Second (and for me) start of third year: focus on proposal (with a few more grant applications). Write draft, revise, revise, revise, revise, revise, polish, polish. Send to six academics of intimidatingly impressive credentials. Wait four weeks for comments.

(In my case I set up the defence for 2 days after the deadline for comments, usually it’s two weeks. This left me with only two sets of comments and one day to write a presentation responding to them. I did that because I have a cheap—relatively speaking—ticket that gets expensive after the 9th, because clvrmnky is coming with me and he has this time off work, and because we want to have a nice Christmas vacation on the beach. So the quick turn around was really mostly my fault.)

I wrote the presentation starting at 9 am and going until 12 am (with breaks for eating, lots of staring at the screen, writing one sentence then erasing it, consultations with a friend about how I was approaching the comments, and about 45 minutes to deal with a minor visa SNAFU that has been resolved). I stayed over at a friend’s place in Toronto so that I would be able to get to the defence in time, and arrived hungry and tired because I could neither eat nor sleep well in the days before.

Then it was two hours of being on the spot.
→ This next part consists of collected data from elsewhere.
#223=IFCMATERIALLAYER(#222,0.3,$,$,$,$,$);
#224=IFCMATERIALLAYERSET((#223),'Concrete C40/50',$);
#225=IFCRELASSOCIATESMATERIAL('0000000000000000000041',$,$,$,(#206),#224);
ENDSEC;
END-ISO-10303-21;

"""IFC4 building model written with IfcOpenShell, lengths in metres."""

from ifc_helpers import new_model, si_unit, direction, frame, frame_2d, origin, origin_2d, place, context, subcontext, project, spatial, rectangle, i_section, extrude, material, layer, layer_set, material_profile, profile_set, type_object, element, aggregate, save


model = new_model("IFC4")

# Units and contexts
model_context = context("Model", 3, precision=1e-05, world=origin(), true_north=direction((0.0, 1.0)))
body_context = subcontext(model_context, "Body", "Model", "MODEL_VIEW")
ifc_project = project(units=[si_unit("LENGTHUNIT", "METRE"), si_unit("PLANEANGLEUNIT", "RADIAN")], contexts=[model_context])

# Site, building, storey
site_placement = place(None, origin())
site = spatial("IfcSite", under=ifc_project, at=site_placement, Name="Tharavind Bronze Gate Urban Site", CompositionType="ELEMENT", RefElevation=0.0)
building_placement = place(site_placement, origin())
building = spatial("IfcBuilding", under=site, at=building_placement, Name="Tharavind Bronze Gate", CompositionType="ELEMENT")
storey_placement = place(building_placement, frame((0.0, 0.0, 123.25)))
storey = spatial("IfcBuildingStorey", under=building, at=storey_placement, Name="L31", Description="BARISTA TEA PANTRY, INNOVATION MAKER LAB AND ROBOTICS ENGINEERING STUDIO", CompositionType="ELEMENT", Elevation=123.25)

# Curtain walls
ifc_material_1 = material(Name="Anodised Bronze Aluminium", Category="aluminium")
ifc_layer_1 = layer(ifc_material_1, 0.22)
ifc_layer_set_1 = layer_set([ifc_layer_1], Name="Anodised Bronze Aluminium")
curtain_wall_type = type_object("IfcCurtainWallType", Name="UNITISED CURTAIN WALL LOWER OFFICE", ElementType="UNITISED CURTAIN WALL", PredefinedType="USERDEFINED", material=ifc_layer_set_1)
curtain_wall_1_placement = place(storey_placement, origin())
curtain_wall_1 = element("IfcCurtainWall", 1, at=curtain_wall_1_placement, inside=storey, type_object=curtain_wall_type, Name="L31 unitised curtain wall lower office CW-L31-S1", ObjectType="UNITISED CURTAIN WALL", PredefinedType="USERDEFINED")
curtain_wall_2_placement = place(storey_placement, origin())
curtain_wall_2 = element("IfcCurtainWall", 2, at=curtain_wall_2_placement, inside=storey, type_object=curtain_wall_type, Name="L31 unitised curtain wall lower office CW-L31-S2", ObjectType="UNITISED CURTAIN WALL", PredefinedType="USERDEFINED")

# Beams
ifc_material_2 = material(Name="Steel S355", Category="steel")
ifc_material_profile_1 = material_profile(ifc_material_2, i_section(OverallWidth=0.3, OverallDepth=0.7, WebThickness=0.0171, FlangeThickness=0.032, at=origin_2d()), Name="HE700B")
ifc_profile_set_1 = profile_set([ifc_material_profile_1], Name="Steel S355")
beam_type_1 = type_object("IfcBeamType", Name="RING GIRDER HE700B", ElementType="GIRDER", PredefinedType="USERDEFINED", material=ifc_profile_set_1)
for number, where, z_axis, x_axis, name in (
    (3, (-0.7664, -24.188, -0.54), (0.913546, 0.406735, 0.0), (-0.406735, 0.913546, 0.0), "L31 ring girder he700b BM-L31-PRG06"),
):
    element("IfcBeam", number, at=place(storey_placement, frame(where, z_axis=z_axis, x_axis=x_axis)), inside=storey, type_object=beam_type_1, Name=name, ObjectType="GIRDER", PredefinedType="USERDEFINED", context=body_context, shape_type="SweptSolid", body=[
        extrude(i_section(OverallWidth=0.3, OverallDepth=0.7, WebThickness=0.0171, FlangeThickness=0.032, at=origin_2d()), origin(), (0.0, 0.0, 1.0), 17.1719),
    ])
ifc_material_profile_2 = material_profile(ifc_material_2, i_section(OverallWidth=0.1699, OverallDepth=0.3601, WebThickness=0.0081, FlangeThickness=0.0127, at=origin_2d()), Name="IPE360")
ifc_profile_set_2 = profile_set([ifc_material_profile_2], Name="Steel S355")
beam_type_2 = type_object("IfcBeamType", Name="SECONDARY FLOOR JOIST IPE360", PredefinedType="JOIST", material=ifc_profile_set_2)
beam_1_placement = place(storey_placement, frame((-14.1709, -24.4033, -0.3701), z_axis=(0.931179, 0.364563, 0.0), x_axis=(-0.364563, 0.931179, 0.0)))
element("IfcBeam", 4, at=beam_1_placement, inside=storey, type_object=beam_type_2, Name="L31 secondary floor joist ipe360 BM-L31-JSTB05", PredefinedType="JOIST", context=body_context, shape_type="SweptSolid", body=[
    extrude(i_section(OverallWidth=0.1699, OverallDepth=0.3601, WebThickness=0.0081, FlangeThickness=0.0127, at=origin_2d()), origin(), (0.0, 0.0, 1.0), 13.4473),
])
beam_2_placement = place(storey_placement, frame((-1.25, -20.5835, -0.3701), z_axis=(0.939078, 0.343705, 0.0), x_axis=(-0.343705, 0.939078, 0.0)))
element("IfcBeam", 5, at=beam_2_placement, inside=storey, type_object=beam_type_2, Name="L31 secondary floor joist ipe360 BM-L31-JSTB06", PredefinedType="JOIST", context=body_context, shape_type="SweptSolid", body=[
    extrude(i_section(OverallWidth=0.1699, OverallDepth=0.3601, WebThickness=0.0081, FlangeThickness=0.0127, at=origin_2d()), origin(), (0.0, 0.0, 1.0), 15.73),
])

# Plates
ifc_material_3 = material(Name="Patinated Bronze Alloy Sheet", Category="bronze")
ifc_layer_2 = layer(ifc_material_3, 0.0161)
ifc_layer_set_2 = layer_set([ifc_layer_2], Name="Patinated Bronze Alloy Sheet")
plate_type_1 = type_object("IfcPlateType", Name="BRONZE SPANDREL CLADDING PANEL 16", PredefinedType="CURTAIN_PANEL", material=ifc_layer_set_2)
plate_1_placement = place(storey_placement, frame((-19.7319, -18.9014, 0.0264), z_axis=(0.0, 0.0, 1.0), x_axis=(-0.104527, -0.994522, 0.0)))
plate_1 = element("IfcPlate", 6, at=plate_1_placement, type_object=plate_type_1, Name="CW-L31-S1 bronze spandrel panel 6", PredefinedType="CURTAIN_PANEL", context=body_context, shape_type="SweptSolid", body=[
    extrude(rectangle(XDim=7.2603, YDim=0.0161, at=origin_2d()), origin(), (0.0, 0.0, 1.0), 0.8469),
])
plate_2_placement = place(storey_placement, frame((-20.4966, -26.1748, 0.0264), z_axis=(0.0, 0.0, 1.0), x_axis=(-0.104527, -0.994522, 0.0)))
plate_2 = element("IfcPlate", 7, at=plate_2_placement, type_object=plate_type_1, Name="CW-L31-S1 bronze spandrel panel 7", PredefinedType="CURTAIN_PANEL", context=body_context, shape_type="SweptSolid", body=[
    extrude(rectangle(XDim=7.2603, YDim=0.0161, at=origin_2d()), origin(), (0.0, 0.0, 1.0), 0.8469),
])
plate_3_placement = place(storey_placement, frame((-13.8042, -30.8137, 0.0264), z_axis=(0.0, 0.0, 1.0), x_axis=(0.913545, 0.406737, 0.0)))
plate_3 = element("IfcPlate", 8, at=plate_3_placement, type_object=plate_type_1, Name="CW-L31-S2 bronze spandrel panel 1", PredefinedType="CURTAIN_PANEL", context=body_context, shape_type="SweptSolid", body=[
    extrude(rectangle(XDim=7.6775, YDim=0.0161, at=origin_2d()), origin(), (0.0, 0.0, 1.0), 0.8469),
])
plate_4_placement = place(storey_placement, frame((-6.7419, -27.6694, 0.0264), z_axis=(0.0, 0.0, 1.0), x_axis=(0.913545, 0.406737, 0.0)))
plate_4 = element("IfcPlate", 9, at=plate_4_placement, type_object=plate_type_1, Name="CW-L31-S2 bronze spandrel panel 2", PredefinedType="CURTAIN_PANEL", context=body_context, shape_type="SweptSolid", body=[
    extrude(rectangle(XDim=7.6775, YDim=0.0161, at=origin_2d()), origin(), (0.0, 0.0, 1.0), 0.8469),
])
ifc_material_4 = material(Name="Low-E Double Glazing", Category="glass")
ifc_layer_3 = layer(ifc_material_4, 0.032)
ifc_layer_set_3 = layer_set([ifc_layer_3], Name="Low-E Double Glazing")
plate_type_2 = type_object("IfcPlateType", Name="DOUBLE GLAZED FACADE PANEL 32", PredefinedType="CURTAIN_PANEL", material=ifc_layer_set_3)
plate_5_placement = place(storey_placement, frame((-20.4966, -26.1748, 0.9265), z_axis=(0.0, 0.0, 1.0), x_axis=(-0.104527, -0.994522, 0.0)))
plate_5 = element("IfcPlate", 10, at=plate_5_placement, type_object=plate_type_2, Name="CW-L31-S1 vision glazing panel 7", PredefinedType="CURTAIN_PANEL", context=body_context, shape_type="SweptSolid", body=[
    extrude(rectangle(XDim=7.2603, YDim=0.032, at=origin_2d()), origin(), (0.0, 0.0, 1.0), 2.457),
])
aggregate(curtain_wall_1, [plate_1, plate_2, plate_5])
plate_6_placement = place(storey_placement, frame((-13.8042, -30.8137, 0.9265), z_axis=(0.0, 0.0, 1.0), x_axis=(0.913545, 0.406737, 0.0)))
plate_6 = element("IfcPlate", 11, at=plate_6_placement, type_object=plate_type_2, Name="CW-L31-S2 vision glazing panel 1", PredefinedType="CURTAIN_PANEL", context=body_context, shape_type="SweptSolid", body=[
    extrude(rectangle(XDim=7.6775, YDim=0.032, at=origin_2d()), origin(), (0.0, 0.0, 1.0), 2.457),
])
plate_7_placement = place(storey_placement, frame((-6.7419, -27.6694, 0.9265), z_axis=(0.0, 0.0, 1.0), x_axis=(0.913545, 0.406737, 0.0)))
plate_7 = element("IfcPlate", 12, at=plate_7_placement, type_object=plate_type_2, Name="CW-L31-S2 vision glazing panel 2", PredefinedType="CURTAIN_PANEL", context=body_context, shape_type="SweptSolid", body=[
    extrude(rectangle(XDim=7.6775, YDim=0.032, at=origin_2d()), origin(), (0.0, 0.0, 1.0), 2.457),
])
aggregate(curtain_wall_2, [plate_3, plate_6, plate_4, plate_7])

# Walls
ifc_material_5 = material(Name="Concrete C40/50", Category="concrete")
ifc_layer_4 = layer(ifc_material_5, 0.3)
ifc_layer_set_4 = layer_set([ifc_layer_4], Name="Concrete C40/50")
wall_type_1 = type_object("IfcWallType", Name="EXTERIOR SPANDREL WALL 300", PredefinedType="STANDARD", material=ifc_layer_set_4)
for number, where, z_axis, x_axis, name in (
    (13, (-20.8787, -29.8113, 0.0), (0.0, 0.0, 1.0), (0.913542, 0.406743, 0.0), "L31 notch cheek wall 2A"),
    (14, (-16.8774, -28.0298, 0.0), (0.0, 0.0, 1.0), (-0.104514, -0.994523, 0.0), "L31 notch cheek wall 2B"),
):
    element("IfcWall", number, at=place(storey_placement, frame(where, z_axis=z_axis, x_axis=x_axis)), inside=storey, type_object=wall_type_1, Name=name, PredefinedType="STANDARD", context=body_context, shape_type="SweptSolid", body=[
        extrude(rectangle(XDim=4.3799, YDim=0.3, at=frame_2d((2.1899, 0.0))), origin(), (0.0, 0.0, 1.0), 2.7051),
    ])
There were 5 academics there, in a semi-circle around me in our department’s new enormous board room. I read my presentation, and then answered their questions. It was gruelling, even though they were mostly kind and encouraging. They (mostly gently) pointed out what felt like major flaws and oversights and asked how I would deal with them, had I thought about them, etc. Some I answered well, some not so much. After two hours I left the room for about 5 minutes and then they came out and said I passed. It was slightly anti-climactic.

So, we are off to Accra on Sunday, and then Kumasi on Tuesday or Wednesday. I will be updating more regularly now that I have (or at least anticipate having) more interesting things to say than “got up, drank coffee, edited proposal, went to bed.” I look forward to hearing from those of you who’ve promised comments, emails, and letters. Everyone’s good wishes and encouragement have helped keep me going through the harder stages of this process, and give me the courage to face a year alone. Thank you.